Economics

Mitt Romney and the Fantasy Budget

The GOP nominee studiously avoids explanations of how he’d pay for his campaign promises
Photo Illustration by 731; Forest: International Rescue/Getty Images; Romney: Michael Seamans/Corbis; Armor: Eric Van Den Brulle/Getty Images; Unicorn: Andrew Holt/Getty Images; Andre: Everett Collection

If elected president, Mitt Romney has promised he will create 12 million jobs, replace Obamacare and the Dodd-Frank financial reforms, slash corporate tax rates, preserve the Bush income tax cuts, and then cut an additional 20 percent to boot.

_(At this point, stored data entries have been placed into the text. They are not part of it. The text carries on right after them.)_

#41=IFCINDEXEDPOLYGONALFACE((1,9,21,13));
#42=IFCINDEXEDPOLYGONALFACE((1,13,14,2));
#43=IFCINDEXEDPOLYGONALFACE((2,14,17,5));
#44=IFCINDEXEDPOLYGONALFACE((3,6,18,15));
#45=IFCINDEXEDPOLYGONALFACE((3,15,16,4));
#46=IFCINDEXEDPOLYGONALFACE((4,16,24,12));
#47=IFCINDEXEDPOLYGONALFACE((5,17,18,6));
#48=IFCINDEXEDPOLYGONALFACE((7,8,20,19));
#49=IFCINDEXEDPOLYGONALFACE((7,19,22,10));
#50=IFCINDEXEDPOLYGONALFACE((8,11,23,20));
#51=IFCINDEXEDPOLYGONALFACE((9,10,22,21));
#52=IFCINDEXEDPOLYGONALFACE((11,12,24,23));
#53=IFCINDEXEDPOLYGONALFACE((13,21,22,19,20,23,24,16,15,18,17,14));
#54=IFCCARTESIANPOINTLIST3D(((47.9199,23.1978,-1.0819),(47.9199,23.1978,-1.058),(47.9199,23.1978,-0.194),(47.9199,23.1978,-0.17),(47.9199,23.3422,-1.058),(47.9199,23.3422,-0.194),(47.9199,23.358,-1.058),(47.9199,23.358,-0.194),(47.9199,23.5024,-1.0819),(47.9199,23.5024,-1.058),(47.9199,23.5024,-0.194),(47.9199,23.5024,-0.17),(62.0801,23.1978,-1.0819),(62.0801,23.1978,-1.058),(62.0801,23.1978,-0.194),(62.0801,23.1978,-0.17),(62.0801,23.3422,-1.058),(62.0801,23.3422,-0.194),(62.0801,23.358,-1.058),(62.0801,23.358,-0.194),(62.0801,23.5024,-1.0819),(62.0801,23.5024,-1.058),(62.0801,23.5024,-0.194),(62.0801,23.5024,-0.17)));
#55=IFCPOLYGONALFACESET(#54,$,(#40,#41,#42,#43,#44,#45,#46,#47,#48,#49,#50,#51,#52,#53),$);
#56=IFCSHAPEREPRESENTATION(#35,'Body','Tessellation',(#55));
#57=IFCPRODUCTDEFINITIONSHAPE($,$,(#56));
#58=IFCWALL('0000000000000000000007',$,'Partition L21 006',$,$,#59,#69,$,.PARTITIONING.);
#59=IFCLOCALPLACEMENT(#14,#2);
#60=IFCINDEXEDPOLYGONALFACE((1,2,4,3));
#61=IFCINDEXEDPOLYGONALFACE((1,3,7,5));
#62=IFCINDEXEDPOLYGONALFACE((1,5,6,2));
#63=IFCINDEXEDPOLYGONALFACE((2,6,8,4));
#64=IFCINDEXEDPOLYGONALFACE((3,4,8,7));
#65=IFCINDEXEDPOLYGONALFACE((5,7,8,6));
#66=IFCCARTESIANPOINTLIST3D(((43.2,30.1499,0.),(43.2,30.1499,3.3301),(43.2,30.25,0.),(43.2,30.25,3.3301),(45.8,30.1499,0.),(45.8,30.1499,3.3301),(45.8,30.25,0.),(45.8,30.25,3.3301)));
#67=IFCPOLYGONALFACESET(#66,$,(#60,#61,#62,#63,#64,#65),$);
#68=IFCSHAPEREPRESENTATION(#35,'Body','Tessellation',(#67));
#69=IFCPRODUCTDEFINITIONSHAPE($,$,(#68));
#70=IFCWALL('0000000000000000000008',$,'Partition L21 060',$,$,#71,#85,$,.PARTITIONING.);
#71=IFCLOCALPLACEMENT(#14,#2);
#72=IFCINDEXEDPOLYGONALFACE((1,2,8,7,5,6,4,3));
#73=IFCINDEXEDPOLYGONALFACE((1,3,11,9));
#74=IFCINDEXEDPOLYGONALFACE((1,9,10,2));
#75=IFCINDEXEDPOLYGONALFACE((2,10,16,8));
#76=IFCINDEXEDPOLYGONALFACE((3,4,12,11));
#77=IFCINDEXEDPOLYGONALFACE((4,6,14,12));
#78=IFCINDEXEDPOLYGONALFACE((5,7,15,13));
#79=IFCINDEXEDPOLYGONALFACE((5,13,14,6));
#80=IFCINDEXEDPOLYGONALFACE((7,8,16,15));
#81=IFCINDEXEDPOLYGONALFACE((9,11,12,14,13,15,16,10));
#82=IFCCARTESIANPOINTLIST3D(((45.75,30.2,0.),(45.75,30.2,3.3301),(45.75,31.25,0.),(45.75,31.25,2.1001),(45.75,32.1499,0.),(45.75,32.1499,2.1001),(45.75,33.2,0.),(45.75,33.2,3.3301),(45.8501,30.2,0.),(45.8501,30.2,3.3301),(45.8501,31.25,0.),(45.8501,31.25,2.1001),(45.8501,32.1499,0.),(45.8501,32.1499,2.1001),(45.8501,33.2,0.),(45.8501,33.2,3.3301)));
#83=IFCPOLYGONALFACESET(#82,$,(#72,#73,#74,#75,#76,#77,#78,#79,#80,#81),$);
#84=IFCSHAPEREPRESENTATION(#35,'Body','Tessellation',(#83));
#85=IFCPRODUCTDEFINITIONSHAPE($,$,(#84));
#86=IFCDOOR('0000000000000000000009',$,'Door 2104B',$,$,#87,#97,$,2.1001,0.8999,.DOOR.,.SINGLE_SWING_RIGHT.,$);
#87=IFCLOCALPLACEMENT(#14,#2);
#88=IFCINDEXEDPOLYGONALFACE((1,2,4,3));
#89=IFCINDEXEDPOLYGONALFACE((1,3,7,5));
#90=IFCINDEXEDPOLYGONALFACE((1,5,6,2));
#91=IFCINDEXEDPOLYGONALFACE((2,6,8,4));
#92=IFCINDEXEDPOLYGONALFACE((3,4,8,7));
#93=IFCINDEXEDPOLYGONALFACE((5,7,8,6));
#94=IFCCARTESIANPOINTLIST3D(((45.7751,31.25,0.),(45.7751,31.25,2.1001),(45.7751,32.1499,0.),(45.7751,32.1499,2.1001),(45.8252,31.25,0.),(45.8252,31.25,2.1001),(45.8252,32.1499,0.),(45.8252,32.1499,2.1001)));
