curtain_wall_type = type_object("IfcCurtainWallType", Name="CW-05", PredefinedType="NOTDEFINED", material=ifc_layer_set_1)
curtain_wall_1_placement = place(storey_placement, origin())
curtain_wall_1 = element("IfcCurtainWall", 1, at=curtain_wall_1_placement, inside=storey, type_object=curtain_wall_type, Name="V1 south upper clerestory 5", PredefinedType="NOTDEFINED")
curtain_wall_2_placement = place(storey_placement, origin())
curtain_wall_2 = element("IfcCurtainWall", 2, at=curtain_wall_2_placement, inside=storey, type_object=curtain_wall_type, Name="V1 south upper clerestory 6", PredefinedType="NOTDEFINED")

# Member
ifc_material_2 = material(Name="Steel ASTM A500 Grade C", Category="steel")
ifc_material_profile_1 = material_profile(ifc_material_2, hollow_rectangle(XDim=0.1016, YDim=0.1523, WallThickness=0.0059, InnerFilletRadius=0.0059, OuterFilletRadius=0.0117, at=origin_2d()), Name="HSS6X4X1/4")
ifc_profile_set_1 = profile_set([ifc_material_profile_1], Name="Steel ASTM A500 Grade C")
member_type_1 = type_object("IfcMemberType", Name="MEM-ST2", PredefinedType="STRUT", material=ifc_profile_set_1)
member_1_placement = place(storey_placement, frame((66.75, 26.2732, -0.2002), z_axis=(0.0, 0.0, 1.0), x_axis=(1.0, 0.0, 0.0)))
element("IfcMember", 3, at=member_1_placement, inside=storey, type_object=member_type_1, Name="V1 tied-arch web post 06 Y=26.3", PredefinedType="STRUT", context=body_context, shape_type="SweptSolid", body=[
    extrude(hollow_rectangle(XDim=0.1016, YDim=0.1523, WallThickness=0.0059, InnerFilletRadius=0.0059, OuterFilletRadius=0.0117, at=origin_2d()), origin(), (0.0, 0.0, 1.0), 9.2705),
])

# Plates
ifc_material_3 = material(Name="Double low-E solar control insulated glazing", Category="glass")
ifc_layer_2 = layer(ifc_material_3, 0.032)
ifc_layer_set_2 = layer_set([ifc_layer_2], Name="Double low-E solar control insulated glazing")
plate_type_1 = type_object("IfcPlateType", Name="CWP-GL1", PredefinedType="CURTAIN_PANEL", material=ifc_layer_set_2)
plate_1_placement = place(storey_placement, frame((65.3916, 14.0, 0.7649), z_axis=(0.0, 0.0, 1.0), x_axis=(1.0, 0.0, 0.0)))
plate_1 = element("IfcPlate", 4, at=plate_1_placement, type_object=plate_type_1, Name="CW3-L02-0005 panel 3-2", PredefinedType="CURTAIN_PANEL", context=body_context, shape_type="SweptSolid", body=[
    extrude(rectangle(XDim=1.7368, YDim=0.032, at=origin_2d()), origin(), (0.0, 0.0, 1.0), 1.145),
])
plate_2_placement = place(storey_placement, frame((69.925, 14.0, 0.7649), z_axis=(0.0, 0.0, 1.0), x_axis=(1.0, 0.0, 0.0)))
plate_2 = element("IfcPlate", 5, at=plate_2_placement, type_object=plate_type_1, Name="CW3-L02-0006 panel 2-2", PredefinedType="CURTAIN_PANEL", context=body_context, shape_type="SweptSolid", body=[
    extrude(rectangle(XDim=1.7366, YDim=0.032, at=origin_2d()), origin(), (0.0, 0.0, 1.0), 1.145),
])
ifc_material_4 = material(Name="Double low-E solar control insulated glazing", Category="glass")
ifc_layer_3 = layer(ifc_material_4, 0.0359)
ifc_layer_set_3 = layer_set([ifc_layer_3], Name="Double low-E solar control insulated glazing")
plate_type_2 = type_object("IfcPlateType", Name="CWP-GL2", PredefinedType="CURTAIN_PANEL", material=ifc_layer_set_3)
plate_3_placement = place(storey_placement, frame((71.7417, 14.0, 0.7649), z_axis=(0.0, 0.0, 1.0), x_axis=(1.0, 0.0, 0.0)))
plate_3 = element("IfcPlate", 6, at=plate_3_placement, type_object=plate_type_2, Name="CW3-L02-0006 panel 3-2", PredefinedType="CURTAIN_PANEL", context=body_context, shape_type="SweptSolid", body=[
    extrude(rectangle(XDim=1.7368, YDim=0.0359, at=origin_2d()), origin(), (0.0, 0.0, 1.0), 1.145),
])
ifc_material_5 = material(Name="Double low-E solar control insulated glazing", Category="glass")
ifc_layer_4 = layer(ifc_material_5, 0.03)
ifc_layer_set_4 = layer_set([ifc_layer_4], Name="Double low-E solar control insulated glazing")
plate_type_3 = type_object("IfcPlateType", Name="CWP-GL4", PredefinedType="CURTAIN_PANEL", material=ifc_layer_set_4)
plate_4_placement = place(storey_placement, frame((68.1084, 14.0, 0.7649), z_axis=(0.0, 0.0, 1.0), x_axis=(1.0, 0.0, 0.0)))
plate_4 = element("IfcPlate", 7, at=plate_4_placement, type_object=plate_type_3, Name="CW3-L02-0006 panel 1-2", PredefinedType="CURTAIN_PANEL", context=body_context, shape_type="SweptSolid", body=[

And, oh yes—balance the budget. How does Romney propose to pull off this feat of budgetary magic? He isn’t saying.

All presidential hopefuls paint rosy scenarios and rely on a few questionable assumptions. Yet with less than two months to go until Election Day, Romney’s campaign has distinguished itself by the chasm between what’s been promised and what’s been revealed. Absent details, he’s essentially selling a fantasy that depends on voters’ faith that he’ll be able to keep all these vows once elected. Polls suggest voters aren’t buying it. Since the party conventions, President Obama has opened up a six-point lead in Gallup’s daily tracking poll. Republicans “have the tactics down,” says John Weaver, who ran John McCain’s 2000 presidential campaign. “God knows, between the campaign and its super PAC allies, they have the negative advertising down. What’s missing are the details about where he’ll lead the country and how he’ll do it.”